Zielman is eigenlijk ‘zielvrouw’

Bijna 10 jaar werkt Marieke Zielman-van Popta als gespecialiseerd verpleegkundige oncologie op de oncologische dagbehandeling van Ziekenhuis Gelderse Vallei. Hier zijn de meeste kankerpatiënten, noodgedwongen, kind aan huis om hun chemokuur te krijgen.
Marieke doet haar naam eer aan en is er voor de zielen met kanker die daar binnenstappen. Juist die begeleiding van al die verschillende mensen die soms geheel ontredderd en dan weer heel veerkrachtig zijn, past haar als geen ander.

De aanleiding is Wereldkankerdag, doen jullie daar wat aan?

‘Welnee, voor ons is het elke dag Wereldkankerdag. Met volle overgave geven we dagelijks de best mogelijke zorg. Dat krijgen we ook terug van onze patiënten, die waarderen het enorm wat we voor hen betekenen. Dat geeft ons vleugels. En taart. Ik denk dat wij wel de afdeling zijn waar het meeste gebak wordt gegeten.’

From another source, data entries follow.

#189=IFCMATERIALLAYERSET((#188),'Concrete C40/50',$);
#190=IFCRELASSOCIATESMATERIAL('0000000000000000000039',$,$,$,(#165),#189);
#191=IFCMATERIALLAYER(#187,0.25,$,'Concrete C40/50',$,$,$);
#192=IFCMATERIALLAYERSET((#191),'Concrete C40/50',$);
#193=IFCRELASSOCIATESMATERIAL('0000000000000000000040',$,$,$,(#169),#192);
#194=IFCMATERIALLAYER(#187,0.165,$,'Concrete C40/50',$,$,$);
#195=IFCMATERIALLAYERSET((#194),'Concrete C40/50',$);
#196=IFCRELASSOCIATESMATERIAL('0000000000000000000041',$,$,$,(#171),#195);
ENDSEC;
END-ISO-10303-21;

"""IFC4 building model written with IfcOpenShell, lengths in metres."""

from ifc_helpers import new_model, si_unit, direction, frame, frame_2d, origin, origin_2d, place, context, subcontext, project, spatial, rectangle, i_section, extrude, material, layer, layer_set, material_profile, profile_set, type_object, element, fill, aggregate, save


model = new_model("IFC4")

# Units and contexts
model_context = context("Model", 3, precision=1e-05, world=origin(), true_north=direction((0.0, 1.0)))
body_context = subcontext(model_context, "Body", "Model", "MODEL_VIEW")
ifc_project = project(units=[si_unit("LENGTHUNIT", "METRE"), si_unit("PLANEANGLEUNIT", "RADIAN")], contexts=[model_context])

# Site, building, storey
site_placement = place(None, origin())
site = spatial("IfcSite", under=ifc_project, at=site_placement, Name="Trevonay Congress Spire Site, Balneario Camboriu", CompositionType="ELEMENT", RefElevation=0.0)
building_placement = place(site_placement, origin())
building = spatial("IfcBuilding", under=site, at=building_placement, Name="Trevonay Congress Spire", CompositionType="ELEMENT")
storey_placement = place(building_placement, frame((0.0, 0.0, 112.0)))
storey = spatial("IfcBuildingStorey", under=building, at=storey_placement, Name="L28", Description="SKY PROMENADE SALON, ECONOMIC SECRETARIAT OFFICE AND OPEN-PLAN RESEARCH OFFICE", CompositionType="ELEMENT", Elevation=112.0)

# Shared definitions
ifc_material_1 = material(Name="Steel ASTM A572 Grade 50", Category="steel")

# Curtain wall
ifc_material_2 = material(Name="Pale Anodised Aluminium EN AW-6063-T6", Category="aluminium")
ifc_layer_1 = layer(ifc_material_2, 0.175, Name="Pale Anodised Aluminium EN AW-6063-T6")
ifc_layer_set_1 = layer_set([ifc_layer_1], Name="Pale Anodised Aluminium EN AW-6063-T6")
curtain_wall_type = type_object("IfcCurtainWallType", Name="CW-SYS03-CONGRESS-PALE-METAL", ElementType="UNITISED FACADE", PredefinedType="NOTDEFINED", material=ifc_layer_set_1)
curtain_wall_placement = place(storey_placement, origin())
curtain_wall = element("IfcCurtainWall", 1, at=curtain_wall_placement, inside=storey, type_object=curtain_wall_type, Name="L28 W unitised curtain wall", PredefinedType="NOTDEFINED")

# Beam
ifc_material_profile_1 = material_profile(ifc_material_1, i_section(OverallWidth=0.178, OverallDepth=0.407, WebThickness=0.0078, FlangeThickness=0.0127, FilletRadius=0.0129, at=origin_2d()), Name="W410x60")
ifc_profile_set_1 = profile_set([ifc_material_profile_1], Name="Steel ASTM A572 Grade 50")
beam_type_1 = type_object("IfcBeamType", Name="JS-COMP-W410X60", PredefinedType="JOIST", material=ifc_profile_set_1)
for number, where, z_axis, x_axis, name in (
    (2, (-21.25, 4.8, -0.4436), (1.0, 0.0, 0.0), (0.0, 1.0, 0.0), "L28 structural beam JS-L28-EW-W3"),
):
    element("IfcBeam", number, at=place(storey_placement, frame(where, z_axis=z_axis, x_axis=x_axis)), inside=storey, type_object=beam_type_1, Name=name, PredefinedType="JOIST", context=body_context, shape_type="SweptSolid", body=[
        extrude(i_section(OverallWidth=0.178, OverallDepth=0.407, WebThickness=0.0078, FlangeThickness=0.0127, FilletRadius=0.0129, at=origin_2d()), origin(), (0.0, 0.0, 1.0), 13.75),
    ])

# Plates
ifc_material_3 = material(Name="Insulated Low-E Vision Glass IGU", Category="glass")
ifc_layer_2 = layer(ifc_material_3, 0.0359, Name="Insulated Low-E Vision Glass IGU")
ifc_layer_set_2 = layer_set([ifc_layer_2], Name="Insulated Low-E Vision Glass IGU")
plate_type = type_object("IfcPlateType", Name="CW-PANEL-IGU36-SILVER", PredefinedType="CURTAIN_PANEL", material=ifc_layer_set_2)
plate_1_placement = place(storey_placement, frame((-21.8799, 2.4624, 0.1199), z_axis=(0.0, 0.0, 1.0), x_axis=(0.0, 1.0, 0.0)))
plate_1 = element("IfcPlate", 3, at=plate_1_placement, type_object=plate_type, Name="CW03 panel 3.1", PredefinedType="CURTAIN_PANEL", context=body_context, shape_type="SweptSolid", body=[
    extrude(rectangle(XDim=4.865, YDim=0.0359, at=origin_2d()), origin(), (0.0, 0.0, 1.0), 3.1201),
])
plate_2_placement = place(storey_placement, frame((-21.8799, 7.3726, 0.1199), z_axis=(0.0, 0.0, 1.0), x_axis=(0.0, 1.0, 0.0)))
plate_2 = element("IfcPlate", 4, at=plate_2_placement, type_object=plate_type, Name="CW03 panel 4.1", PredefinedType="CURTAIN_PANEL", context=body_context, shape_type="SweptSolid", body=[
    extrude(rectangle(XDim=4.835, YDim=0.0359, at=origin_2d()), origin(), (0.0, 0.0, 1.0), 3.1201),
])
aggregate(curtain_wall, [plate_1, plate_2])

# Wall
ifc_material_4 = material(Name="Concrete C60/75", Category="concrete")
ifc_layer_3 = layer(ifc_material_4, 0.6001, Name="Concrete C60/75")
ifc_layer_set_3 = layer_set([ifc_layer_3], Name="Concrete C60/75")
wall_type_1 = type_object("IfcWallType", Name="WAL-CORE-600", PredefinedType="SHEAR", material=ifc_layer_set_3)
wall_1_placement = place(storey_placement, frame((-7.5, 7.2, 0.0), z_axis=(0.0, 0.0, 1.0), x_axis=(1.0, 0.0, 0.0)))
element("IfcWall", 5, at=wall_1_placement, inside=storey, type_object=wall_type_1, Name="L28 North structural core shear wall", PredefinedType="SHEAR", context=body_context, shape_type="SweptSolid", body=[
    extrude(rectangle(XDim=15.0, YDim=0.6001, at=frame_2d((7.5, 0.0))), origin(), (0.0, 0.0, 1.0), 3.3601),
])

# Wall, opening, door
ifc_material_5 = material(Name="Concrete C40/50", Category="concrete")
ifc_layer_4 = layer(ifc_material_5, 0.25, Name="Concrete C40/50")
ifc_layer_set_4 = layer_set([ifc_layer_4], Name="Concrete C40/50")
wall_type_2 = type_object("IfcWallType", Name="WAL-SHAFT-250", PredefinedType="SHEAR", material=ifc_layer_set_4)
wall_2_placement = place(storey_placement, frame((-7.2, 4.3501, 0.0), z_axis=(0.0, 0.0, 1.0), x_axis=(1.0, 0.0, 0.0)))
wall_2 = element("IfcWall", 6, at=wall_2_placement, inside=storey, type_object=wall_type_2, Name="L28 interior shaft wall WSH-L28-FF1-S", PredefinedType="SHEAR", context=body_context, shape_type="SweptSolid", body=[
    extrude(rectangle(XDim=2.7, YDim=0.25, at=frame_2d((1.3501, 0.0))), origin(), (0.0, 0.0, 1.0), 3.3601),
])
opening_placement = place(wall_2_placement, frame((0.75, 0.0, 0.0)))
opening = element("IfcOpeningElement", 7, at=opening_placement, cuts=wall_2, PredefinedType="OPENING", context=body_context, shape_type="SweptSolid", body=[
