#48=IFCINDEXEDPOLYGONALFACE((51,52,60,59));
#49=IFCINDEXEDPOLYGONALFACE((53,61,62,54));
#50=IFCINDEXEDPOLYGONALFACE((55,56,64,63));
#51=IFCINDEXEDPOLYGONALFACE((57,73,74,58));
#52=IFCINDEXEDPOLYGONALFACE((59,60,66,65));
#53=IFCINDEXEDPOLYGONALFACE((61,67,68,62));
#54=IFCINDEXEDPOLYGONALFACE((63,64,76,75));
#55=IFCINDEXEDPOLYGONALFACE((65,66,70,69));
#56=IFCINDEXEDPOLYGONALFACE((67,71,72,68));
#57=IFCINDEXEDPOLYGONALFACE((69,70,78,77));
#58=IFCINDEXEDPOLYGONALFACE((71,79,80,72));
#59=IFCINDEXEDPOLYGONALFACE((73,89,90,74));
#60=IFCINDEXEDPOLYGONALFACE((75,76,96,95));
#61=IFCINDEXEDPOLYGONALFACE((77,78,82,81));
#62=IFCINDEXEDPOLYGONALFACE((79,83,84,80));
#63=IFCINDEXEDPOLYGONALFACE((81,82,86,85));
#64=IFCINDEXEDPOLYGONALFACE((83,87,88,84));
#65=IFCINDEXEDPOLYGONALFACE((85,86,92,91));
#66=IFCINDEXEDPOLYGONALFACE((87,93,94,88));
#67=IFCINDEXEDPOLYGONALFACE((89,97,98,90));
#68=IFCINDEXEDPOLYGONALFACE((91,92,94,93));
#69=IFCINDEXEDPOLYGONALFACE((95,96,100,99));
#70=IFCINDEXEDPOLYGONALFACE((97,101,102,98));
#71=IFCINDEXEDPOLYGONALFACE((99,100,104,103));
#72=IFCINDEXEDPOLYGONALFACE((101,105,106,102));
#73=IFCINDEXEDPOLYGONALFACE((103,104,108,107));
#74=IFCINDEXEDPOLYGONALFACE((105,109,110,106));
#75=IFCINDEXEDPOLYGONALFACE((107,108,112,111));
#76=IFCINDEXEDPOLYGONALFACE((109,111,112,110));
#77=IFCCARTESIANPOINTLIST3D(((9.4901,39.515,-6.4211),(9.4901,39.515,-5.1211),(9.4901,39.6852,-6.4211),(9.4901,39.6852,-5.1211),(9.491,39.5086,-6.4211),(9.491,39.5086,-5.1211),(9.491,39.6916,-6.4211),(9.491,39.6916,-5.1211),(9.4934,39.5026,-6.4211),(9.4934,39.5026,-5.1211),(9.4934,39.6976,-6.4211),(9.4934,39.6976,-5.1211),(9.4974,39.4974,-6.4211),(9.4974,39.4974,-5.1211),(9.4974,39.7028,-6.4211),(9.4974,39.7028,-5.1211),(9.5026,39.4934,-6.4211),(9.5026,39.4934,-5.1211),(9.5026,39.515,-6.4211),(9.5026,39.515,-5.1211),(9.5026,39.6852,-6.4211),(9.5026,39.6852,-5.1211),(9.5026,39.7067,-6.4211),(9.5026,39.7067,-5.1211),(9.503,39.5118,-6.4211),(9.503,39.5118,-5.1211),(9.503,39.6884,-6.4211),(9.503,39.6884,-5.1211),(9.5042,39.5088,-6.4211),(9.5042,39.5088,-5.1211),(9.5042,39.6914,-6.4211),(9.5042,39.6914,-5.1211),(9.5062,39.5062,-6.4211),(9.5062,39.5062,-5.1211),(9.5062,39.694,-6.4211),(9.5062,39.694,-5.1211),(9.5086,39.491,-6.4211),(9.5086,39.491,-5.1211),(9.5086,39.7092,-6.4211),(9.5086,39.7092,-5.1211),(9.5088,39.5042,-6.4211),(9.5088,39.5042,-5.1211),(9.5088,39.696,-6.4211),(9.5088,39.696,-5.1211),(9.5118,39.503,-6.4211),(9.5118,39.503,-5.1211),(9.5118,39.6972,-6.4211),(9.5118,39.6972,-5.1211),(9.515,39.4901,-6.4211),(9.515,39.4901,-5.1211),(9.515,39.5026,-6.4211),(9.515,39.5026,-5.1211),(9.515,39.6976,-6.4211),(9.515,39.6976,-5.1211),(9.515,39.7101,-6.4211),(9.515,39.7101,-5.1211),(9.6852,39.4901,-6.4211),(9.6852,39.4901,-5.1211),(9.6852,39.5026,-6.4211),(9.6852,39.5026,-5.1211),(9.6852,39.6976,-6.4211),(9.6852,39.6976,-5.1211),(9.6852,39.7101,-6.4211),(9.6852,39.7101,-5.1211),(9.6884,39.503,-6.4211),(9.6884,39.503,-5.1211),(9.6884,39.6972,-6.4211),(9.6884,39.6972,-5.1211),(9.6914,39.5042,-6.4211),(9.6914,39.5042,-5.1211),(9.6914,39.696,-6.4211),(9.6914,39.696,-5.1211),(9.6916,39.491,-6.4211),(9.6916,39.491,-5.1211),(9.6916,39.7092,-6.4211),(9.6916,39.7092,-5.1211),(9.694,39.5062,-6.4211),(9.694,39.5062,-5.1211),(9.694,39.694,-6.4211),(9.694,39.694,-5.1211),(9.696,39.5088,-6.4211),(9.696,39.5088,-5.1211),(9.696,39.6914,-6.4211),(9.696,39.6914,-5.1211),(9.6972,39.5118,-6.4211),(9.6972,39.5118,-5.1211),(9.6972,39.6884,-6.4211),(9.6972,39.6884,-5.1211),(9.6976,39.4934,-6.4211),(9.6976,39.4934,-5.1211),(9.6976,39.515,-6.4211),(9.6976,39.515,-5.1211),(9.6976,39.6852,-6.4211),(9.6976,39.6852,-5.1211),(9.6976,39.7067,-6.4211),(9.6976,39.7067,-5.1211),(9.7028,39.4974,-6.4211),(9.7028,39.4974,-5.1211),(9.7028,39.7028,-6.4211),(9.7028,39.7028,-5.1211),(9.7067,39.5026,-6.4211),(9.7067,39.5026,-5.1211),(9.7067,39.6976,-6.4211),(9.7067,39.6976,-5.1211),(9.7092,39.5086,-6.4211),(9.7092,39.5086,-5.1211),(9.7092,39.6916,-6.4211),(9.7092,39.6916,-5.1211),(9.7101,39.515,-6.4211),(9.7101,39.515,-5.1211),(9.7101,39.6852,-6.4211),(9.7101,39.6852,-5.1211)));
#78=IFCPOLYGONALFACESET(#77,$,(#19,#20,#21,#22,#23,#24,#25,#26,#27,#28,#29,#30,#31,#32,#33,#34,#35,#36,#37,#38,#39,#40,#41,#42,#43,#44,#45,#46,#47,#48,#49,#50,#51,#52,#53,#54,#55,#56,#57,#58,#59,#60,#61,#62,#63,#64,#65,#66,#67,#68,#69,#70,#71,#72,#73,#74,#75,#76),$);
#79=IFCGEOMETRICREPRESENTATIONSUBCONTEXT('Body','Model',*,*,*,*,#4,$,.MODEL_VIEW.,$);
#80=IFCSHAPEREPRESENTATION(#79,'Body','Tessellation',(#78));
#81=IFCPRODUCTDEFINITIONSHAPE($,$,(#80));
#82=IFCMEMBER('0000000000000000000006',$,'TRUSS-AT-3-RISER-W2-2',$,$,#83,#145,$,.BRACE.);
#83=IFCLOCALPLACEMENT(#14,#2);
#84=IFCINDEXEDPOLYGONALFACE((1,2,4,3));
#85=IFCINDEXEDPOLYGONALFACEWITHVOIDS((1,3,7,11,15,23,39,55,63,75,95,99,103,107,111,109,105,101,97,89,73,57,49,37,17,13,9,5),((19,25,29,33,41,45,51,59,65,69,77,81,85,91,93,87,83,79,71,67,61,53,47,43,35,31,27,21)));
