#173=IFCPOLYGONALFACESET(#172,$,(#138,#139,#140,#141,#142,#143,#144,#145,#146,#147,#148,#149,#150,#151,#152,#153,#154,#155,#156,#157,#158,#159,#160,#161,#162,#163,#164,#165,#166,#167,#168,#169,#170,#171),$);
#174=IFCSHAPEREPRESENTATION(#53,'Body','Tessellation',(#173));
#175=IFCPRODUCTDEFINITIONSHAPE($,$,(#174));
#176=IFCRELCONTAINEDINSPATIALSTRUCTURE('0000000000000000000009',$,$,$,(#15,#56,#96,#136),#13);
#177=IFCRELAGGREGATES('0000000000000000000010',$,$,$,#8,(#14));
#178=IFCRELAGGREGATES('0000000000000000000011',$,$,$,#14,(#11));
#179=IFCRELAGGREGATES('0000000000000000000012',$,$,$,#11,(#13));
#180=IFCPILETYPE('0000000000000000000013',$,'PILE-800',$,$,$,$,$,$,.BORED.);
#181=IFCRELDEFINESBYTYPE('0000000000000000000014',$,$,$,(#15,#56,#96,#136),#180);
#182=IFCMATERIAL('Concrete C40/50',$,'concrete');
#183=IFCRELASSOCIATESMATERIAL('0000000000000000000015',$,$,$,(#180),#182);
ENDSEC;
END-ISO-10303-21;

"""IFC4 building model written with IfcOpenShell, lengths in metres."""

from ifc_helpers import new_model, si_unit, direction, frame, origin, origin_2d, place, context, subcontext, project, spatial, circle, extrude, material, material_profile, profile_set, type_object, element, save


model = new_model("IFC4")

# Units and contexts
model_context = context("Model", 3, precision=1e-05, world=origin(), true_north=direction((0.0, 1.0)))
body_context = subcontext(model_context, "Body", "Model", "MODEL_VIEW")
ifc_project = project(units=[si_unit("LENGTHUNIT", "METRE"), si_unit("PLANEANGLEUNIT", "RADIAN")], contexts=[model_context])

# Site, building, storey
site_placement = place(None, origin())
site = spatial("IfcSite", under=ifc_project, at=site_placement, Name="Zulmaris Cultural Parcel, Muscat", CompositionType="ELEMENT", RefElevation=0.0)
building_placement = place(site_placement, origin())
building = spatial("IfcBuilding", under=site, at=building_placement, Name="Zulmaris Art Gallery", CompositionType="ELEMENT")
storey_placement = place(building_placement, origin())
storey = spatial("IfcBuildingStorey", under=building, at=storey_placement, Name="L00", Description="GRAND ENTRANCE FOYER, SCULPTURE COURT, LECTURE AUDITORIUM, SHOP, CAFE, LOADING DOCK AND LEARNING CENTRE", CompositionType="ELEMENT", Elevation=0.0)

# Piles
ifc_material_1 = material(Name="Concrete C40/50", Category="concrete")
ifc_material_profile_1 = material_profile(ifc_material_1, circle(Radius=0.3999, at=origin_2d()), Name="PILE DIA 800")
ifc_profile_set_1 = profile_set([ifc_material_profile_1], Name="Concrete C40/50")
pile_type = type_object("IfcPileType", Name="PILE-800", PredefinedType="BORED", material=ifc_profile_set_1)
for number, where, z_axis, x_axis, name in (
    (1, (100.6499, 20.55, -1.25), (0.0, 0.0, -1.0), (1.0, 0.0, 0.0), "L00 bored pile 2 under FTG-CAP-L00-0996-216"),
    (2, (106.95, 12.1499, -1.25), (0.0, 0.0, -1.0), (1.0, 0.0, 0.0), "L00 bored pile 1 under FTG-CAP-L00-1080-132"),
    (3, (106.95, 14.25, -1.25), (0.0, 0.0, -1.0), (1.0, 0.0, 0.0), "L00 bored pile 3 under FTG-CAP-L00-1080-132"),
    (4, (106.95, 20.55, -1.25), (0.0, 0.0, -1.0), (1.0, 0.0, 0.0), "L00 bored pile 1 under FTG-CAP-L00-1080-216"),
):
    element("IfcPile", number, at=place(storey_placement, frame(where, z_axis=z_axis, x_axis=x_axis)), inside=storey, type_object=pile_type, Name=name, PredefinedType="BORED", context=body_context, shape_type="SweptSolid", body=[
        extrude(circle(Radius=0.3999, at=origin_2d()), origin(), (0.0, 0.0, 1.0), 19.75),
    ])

Hoe ben je hier terecht gekomen?

‘Na mijn opleiding heb ik eerst wat rondgezworven. Eerst kinder- en jeudpsychiatrie, toen de thuiszorg. Na een bijscholing over palliatieve zorg wist ik het! Toen heb ik twee jaar in het Radboud umc op de oncologieafdeling gewerkt, voor ik overstapte naar Ziekenhuis Gelderse Vallei. Ik woonde in Ede en hier kon ik ook de vervolgopleiding oncologie doen. We werken hier allround: ik doe intakegesprekken, sluit mensen aan op het infuus, geef voorlichting en ben soms de dagcoördinator. Het allermooiste van mijn vak vind ik de begeleiding van patiënten en hun naasten.’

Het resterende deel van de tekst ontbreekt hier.